# Extended Warranty - Platinum



## Pilot1984 (Feb 11, 2018)

I am picking up my Atlas this Saturday and can't wait! When talking with the dealer yesterday they talked about getting an extended warranty. They recommended the platinum package which is pretty much a bumper to bumper (covers electronics, etc.) warranty for 10 years or 150,000 miles for $3200 ($100 deductible). At first I wasn't too interested but then when I thought about it again it seemed like it might not be a bad idea since it would cover me for 150K miles which I will probably put on the vehicle by the 10th year. I am just wondering if anyone has purchased this plan and whether or not it was worth it. Thanks!


----------



## golfzex (Mar 29, 2004)

Honestly with the current Vw New Car Warranty I didn't even consider an extended option.

6y/72k should be plenty for us, we never keep cars more then 5 years normally. 

Personally I want a warranty that will cover the car until its paid off, as long as we have that I'm happy.


----------



## GTINC (Jan 28, 2005)

golfzex said:


> Honestly with the current Vw New Car Warranty I didn't even consider an extended option.
> 
> 6y/72k should be plenty for us, we never keep cars more then 5 years normally.
> 
> Personally I want a warranty that will cover the car until its paid off, as long as we have that I'm happy.


What would possibly go wrong that you couldn't pay for out of pocket?


----------



## *DesertFox* (Sep 26, 2017)

Note the warranty period............


Volkswagen Drive Easy Platinum extended service plan is the exclusive service contract (sometimes referred to as a volkswagen extended warranty) offered on New Volkswagen vehicles. The Volkswagen platinum service plan is the most comprehensive vehicle service contract endorsed by Volkswagen for your Volkswagen. This premium contract covers virtually every component of your vehicle in the event of mechanical failure *BEYOND* the Volkswagen warranty period - even if it results from wear and tear*.


----------



## Atlas123 (Sep 18, 2017)

I generally don't think extended warranties are worth it. VW knows the odds and priced this to make money, which means more likely than not you will be better off WITHOUT the extended warranty.

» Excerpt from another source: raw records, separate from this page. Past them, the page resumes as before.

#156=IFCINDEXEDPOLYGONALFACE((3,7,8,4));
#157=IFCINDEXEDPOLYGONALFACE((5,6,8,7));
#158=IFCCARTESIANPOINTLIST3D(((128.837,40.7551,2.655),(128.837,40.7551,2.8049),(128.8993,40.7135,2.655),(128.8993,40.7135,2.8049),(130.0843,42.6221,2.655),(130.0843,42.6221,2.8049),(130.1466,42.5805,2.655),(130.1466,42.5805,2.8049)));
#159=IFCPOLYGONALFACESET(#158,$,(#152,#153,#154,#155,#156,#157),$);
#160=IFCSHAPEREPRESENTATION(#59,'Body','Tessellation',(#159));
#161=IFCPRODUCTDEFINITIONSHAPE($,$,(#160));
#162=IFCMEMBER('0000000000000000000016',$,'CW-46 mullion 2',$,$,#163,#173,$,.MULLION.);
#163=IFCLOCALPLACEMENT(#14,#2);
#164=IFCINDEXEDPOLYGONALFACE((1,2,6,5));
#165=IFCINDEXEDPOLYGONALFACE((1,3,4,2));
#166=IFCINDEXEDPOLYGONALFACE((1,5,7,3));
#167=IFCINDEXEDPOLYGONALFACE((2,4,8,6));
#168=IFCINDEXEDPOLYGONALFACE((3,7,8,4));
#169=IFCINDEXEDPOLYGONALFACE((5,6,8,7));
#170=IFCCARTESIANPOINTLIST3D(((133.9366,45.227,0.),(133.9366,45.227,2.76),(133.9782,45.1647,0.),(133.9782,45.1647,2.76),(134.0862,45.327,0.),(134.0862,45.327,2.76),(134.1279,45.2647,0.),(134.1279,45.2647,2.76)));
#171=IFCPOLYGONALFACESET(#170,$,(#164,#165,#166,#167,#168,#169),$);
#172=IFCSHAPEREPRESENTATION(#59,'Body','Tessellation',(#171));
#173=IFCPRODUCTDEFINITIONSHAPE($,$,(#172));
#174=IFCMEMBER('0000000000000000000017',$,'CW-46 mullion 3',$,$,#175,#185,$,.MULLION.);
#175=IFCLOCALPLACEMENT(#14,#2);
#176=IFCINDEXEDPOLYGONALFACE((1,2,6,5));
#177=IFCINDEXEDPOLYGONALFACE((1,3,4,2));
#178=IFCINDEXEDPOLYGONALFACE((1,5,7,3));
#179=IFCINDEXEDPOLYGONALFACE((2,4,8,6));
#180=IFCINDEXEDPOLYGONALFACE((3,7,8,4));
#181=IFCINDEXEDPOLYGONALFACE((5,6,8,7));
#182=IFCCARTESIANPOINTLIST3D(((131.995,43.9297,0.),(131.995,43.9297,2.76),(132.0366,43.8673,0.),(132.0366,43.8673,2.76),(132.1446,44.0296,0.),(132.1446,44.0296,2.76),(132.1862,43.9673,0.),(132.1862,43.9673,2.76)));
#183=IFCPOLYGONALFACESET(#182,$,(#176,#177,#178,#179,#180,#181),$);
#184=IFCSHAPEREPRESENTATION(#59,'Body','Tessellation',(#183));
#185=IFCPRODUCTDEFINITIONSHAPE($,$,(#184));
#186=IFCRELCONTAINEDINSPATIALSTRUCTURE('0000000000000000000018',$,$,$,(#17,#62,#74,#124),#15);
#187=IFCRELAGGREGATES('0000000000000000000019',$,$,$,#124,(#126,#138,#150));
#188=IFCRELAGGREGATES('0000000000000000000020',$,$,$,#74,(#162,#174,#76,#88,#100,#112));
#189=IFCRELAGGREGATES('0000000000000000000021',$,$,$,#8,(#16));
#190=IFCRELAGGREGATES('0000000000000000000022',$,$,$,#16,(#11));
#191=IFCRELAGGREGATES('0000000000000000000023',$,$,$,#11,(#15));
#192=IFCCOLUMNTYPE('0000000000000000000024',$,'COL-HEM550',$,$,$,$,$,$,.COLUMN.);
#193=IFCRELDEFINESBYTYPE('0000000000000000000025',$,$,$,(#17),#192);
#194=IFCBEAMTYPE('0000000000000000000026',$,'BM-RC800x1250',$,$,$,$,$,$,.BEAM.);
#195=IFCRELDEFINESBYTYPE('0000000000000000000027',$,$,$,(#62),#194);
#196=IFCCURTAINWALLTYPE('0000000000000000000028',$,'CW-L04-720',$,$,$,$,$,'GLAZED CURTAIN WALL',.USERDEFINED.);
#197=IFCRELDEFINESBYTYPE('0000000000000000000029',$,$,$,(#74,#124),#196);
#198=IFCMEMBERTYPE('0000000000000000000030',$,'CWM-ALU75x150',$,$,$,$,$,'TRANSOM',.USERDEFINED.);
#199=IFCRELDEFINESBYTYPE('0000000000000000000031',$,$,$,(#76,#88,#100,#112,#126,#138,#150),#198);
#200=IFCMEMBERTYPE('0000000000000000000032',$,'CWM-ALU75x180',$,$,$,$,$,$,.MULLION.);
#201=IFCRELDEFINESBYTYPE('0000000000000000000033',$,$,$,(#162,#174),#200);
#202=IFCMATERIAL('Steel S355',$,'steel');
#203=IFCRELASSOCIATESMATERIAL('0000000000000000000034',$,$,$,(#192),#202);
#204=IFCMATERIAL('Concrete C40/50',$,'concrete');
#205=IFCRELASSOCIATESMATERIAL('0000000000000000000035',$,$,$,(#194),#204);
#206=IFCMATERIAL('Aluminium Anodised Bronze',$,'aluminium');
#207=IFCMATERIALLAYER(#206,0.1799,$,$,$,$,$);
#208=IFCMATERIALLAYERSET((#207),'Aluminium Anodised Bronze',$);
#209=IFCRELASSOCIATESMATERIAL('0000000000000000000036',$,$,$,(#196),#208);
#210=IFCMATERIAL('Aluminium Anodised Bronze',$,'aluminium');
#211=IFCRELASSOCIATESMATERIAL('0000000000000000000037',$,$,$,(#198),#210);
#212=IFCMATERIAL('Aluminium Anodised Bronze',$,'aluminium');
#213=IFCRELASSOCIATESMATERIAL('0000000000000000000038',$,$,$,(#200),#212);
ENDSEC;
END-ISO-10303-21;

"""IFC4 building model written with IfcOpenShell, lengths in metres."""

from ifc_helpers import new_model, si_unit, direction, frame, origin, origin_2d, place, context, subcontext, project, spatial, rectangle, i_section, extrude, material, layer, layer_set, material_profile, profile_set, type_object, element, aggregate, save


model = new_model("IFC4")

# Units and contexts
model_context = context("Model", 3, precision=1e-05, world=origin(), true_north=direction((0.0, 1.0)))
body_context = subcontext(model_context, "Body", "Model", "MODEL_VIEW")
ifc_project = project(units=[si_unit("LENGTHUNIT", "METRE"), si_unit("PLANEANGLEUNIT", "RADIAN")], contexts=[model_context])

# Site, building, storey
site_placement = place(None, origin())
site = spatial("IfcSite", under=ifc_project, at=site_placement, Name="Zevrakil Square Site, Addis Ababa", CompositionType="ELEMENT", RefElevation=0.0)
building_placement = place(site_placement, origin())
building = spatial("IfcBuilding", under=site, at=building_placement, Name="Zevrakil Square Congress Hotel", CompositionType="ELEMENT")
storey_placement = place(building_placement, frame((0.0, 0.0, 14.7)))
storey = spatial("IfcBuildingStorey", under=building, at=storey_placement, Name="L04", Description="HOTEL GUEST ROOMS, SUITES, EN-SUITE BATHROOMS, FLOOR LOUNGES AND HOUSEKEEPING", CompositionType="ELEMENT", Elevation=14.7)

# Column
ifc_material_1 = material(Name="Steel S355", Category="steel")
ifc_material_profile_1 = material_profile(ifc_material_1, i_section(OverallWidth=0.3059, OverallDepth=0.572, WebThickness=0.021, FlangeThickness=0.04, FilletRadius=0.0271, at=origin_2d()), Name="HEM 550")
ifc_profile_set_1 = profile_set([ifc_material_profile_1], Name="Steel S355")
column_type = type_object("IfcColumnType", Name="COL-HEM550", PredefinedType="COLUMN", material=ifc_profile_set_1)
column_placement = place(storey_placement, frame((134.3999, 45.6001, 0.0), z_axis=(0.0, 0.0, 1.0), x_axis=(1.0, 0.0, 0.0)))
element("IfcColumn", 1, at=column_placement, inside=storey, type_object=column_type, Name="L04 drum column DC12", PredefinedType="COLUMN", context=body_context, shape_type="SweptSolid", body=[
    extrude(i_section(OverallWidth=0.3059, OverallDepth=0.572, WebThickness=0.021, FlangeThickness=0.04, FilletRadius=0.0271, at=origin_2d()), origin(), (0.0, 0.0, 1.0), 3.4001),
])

What are the odds that (1) you still own the car after 6 years, (2) you need major mechanical repairs costing significantly more than $3200 occurs between 6 and 10 years (and before 150k miles), and (3) there isn't some sort of caveat in the policy that excludes the issue you have? 

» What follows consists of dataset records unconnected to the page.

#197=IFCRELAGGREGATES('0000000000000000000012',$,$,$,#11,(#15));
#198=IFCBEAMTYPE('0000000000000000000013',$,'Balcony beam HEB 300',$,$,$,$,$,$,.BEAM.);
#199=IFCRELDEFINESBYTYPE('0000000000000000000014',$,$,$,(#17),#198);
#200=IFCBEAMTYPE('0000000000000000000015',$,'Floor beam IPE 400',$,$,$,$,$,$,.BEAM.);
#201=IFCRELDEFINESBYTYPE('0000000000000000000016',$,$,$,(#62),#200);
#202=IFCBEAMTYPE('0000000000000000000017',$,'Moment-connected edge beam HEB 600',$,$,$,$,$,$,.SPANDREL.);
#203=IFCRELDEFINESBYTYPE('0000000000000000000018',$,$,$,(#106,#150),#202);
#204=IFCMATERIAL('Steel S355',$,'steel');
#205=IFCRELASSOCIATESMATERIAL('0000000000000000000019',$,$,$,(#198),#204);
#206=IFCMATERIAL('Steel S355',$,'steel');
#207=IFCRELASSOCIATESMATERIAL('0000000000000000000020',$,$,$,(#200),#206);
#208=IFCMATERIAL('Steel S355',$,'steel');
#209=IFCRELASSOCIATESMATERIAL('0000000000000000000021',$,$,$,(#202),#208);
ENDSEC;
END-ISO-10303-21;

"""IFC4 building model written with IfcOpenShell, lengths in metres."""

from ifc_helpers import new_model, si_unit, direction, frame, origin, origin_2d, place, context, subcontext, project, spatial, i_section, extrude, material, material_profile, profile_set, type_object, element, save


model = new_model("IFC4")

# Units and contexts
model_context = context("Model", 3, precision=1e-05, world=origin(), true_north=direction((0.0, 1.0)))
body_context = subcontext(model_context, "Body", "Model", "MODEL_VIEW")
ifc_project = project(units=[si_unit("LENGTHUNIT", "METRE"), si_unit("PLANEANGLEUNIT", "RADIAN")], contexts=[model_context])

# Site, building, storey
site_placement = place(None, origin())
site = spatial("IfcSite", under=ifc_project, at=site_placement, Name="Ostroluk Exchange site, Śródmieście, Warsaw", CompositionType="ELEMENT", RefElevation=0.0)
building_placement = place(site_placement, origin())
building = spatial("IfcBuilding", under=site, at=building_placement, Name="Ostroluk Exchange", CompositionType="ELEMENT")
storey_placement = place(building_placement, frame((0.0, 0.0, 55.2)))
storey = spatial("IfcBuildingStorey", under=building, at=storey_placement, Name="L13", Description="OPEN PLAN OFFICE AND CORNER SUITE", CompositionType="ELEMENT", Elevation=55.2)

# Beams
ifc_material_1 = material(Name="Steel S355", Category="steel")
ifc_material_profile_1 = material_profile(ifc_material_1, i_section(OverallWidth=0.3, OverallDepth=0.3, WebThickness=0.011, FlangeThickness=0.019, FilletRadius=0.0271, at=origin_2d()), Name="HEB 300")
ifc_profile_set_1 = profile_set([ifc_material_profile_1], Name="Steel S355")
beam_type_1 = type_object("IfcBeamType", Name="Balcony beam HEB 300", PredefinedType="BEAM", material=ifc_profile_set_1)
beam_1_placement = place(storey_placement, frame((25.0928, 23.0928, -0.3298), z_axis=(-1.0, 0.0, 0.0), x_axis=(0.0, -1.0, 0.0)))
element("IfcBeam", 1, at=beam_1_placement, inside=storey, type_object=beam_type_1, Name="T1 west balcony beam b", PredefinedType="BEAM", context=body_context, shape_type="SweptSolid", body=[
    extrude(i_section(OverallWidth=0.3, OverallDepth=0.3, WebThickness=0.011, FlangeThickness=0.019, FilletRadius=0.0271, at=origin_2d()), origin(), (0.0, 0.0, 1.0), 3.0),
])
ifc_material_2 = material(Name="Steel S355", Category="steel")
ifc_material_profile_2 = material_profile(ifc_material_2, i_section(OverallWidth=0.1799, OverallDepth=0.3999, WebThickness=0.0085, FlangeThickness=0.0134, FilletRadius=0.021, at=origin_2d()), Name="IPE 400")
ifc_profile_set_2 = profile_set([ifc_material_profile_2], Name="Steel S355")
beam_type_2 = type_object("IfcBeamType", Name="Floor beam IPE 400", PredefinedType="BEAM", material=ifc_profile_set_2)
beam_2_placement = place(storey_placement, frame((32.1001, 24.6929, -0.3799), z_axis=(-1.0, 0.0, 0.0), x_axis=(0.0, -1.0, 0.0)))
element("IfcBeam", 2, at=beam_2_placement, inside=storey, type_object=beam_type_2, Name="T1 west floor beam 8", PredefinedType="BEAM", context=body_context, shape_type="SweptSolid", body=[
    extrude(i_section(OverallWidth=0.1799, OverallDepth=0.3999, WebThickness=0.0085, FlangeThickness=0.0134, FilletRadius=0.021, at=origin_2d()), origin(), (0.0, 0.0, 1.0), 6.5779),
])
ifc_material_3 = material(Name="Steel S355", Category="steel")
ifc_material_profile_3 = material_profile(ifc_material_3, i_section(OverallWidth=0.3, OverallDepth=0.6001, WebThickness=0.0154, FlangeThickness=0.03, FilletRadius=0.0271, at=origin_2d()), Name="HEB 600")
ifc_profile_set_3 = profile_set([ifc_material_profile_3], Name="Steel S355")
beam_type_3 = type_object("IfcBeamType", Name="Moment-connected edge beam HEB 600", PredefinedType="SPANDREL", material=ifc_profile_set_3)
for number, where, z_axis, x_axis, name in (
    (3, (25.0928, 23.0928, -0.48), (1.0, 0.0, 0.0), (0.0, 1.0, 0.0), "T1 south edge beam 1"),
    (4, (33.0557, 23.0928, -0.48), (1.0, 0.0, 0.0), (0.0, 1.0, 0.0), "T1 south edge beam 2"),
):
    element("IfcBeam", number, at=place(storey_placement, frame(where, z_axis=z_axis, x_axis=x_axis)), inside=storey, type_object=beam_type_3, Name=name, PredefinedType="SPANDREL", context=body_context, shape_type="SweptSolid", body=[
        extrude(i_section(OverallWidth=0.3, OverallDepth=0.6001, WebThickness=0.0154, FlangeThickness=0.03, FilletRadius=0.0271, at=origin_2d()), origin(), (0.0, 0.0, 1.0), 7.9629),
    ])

Remember too that even if you do have a $5000 repair, the warranty isn't saving you $5000. Its saving you at most $1700. 

If you'd be financing the warranty cost, it's an even worse deal, since you'll be paying interest on the loan (PLUS the "time-value" of money you'll be missing out on for the next 6 years when you could be investing or otherwise using the $3200).

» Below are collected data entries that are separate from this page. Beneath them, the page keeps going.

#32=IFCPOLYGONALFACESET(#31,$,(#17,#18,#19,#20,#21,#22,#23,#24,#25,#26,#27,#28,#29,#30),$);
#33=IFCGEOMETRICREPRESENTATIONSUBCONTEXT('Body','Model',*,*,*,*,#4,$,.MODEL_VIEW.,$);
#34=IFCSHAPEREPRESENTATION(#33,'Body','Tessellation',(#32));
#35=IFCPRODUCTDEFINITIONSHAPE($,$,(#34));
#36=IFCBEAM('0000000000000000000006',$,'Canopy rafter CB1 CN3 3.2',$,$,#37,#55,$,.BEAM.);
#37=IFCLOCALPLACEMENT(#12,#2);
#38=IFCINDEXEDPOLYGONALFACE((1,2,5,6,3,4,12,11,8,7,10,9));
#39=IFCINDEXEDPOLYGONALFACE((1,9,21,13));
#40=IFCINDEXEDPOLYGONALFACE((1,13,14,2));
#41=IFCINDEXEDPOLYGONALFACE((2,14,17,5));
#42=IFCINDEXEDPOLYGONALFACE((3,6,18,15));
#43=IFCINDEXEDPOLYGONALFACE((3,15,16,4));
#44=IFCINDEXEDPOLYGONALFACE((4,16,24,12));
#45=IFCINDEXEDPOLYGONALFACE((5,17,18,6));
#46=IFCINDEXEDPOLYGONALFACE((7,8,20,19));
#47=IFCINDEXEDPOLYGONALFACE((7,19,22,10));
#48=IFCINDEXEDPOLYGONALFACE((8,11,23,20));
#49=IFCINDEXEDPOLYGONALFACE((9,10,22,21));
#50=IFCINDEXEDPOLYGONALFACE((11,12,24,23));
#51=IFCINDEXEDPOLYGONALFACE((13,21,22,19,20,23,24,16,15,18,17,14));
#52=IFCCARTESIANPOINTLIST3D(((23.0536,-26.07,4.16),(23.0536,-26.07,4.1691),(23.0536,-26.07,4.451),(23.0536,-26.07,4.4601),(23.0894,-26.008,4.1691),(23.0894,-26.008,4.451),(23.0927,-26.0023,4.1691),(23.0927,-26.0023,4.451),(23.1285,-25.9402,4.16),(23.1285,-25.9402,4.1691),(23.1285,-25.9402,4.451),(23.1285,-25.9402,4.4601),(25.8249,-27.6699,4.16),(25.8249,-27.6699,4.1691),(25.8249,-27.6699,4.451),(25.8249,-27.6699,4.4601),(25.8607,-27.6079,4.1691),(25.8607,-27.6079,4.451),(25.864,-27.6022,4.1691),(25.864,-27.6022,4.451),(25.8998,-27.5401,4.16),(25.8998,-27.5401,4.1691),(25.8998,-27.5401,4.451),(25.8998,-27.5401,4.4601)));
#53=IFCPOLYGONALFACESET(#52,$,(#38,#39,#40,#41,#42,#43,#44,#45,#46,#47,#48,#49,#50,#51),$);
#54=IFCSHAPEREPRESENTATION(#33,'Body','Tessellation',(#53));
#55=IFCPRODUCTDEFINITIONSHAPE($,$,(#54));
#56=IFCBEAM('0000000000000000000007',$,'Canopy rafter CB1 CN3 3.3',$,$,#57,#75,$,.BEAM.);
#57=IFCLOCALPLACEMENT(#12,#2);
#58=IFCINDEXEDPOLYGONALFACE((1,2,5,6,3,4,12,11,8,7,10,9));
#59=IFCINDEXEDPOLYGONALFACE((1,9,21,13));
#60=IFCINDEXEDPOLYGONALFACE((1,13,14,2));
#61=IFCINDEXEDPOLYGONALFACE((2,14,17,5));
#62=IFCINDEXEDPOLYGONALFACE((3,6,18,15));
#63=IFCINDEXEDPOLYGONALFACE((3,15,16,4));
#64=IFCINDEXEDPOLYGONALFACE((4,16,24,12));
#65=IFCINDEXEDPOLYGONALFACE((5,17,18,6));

If you have $3200 laying around, plan to own the car a long time, and value the piece of mind enough to make it worthwhile, then go for it.


----------



## AudiVW guy (Feb 7, 2006)

Pilot1984 said:


> I am picking up my Atlas this Saturday and can't wait! When talking with the dealer yesterday they talked about getting an extended warranty. They recommended the platinum package which is pretty much a bumper to bumper (covers electronics, etc.) warranty for 10 years or 150,000 miles for $3200 ($100 deductible). At first I wasn't too interested but then when I thought about it again it seemed like it might not be a bad idea since it would cover me for 150K miles which I will probably put on the vehicle by the 10th year. I am just wondering if anyone has purchased this plan and whether or not it was worth it. Thanks!


I did it because in Canada we get screwed over with 3/60k KMs
so did the upgrade to 6/120 and the full appearance package.. i got it for 30% as I am repeat client 
it was a no brainer - new model and electronics and VW lol 

read the some print if you don't use it you get it back i think 80%.


----------



## GTINC (Jan 28, 2005)

AudiVW guy said:


> ....it was a no brainer - new model and electronics and VW lol....


Why not just have a backyard camp fire and use money for the fuel?


----------



## KarstGeo (Jan 19, 2018)

These don't cover the stuff that will actually need to be replaced i.e. tires, brakes, yadda yadda. The odds are that you won't use that much money worth of repairs that would be covered...they offer them b/c they are HUGE profit for the dealer. I have never had a vehicle that ever would have needed an ext. warranty or I would have "won" on.


----------